Although a few SC–SC transformations (structural dynamism)5 on metal–organic single crystals, caused by solvent exchange, temperature change or framework distortion, have been reported,6 studies focused on the adsorption and separation of organic molecules, especially using lanthanide frameworks, are relatively rare.7 For most of the frameworks, the major obstacle is associated with the catastrophic failure of single crystallinity during these transformation processes.
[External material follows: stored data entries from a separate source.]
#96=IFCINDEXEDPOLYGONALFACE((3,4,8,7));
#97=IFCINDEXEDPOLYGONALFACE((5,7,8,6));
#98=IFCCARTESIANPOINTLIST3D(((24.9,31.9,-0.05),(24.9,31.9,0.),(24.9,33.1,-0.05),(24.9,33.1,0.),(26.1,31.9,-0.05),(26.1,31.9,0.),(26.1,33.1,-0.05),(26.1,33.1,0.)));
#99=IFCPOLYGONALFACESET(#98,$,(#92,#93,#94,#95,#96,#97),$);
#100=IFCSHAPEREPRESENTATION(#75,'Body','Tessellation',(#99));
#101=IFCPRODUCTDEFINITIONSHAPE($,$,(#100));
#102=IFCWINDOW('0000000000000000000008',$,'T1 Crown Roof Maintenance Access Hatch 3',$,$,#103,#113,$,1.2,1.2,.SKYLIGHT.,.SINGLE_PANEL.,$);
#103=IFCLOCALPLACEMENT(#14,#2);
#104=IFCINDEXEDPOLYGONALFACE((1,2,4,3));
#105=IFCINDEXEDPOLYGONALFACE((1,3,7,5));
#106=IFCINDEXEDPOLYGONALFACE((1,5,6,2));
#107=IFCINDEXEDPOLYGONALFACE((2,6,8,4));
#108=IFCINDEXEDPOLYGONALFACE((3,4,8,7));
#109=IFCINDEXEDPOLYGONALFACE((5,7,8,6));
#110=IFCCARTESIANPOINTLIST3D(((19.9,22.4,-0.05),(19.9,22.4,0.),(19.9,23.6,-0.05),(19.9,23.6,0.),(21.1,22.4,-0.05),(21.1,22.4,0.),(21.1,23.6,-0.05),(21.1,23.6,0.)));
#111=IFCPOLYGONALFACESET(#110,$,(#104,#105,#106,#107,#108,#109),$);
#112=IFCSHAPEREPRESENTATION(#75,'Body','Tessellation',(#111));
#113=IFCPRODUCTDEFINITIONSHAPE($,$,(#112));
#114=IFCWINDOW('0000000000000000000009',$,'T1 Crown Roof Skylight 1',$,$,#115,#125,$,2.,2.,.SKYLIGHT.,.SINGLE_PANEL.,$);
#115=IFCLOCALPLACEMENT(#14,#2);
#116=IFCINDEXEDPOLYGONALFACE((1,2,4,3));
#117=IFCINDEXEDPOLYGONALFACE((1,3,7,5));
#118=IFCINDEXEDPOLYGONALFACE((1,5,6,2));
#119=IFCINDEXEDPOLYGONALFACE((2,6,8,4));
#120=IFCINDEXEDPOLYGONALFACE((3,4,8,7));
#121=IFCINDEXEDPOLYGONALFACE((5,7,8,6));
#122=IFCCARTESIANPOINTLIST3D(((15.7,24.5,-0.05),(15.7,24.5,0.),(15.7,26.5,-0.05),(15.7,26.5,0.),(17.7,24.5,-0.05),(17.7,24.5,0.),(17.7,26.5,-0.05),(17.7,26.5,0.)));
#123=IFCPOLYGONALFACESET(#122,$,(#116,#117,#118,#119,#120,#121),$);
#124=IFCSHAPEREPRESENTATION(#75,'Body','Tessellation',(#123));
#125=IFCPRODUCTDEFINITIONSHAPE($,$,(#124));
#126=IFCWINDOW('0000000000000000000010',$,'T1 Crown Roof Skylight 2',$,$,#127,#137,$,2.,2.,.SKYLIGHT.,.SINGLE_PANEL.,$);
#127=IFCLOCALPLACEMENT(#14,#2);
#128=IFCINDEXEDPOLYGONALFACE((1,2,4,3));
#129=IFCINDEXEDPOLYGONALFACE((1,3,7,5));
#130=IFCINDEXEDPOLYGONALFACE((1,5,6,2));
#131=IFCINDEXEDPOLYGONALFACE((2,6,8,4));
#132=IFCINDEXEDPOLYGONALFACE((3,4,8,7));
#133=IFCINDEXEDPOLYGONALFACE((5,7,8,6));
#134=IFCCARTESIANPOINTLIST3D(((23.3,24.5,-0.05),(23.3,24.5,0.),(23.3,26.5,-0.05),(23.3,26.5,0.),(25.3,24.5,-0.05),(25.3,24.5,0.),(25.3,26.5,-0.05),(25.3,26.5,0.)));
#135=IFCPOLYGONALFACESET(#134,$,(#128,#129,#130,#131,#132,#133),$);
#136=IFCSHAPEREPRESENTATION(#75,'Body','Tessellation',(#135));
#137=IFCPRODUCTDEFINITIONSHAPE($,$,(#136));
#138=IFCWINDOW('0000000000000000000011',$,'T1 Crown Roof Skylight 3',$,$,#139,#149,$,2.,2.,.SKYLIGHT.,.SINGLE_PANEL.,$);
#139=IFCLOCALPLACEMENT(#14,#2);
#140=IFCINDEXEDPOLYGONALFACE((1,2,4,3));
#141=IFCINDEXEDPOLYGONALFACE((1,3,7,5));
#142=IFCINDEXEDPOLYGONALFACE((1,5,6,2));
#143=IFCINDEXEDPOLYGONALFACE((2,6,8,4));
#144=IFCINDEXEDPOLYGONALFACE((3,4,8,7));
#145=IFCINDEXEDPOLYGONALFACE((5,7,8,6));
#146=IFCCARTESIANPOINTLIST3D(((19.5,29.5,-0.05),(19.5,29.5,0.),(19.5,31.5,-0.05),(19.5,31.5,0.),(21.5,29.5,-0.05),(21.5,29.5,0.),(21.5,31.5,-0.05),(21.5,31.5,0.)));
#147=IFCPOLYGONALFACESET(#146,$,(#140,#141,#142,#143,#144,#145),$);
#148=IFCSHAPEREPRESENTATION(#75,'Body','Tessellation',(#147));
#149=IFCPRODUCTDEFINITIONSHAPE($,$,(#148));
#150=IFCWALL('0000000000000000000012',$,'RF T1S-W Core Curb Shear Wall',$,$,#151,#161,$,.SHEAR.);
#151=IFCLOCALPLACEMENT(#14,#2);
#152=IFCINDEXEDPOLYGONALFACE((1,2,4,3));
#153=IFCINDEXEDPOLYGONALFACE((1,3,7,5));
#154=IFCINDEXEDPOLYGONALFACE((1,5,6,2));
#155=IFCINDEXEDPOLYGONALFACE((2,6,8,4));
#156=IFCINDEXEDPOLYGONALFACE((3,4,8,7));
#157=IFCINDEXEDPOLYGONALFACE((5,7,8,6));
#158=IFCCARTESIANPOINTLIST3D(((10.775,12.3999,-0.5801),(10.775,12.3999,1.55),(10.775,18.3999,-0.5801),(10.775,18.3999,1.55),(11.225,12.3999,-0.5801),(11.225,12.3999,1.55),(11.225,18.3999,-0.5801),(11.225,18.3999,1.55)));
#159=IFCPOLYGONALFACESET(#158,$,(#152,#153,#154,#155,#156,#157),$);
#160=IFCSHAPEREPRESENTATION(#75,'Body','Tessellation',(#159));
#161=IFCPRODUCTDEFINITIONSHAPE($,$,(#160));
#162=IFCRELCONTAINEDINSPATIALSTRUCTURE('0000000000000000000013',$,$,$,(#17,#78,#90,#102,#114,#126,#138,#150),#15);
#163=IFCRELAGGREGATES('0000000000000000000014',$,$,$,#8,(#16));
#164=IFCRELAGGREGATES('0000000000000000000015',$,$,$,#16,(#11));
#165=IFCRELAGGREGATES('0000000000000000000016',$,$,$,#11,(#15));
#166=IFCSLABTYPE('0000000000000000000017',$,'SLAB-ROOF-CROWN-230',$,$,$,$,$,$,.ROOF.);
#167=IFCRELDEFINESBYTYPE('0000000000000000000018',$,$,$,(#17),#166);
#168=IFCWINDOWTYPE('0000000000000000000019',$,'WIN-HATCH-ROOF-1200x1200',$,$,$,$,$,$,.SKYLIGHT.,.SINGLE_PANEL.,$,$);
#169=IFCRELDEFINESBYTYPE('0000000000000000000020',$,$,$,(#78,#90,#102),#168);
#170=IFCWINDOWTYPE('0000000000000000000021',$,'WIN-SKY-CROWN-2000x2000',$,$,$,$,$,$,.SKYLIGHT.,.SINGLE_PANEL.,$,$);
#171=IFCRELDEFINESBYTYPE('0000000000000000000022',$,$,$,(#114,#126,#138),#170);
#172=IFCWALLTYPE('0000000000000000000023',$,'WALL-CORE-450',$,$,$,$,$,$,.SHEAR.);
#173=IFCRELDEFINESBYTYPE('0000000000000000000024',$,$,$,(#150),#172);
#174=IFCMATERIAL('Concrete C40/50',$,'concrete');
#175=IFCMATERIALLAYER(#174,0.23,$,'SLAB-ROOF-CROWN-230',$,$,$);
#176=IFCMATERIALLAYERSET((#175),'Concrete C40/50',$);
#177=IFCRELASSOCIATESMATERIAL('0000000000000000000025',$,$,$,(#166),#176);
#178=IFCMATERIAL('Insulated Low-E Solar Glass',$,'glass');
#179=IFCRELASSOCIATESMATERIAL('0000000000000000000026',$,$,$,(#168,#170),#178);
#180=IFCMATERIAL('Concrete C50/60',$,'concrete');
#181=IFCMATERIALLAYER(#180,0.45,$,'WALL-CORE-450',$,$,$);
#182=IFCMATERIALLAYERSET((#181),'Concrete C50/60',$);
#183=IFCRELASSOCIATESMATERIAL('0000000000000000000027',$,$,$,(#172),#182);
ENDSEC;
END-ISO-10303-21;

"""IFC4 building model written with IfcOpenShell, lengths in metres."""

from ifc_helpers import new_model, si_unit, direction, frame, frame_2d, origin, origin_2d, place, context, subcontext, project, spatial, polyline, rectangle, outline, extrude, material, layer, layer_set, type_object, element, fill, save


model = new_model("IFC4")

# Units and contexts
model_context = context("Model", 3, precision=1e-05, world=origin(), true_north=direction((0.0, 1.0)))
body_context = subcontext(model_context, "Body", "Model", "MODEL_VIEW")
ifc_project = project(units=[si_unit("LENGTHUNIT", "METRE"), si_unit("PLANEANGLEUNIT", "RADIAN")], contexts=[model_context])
Using the preferences of different coordination specifics of metal ions in combination with topology of organic linkers, crystal engineering can be very fruitful8 in the design and construction of porous flexible frameworks. To our perception, lanthanide (Ln) metal ions with their high and variable coordination numbers and different coordination geometries should be ideal for the fabrication of flexible MOFs. On the other hand, our interest in the ligand H2L (see Scheme 1) is mainly based on the fact that the presence of four nitro groups on the benzene ring creates steric hindrance, allowing the formation of a non-interpenetrating 3D structure with sufficient pore size to host small organic molecule(s). Besides, it may afford observation of the carboxylate coordination mode and its changes, termed as a “carboxylate shift”, which is a low-energy process and allows structural flexibility to influence the overall structure.9 Earlier, we used this ligand to construct flexible frameworks, which showed direct crystallographic observation of catalytic reactions inside the pores.10 Herein, we report the SC–SC encapsulation of various aromatic aldehydes inside the pores of the flexible Gd(III) framework (1), having two different types of channels (channels A and B). While 4-chlorobenzaldedhyde as the guest preferentially occupies channel B without substantial changes in the overall structure, encapsulation of 4-fluorobenzaldehyde and/or 4-methylbenzaldehyde as guests in 1 involves drastic changes in the framework channels, along with concomitant movement of the lattice water molecules to the metal center. Given the importance of particularly desirable SC–SC transformations in dynamic frameworks, the understanding of such non-coordinating guest-driven structural transitions followed by molecular motion can provide better insight to fabricate advanced molecular devices with the possibility of discriminating explosive or toxic organics. Furthermore, all the guest aldehydes can be recovered by soaking 1 in fresh DMF, whereupon the daughter frameworks revert back to the mother framework, again in an SC–SC manner, rendering the host framework a dynamic and recoverable container11 for the aromatic aldehydes.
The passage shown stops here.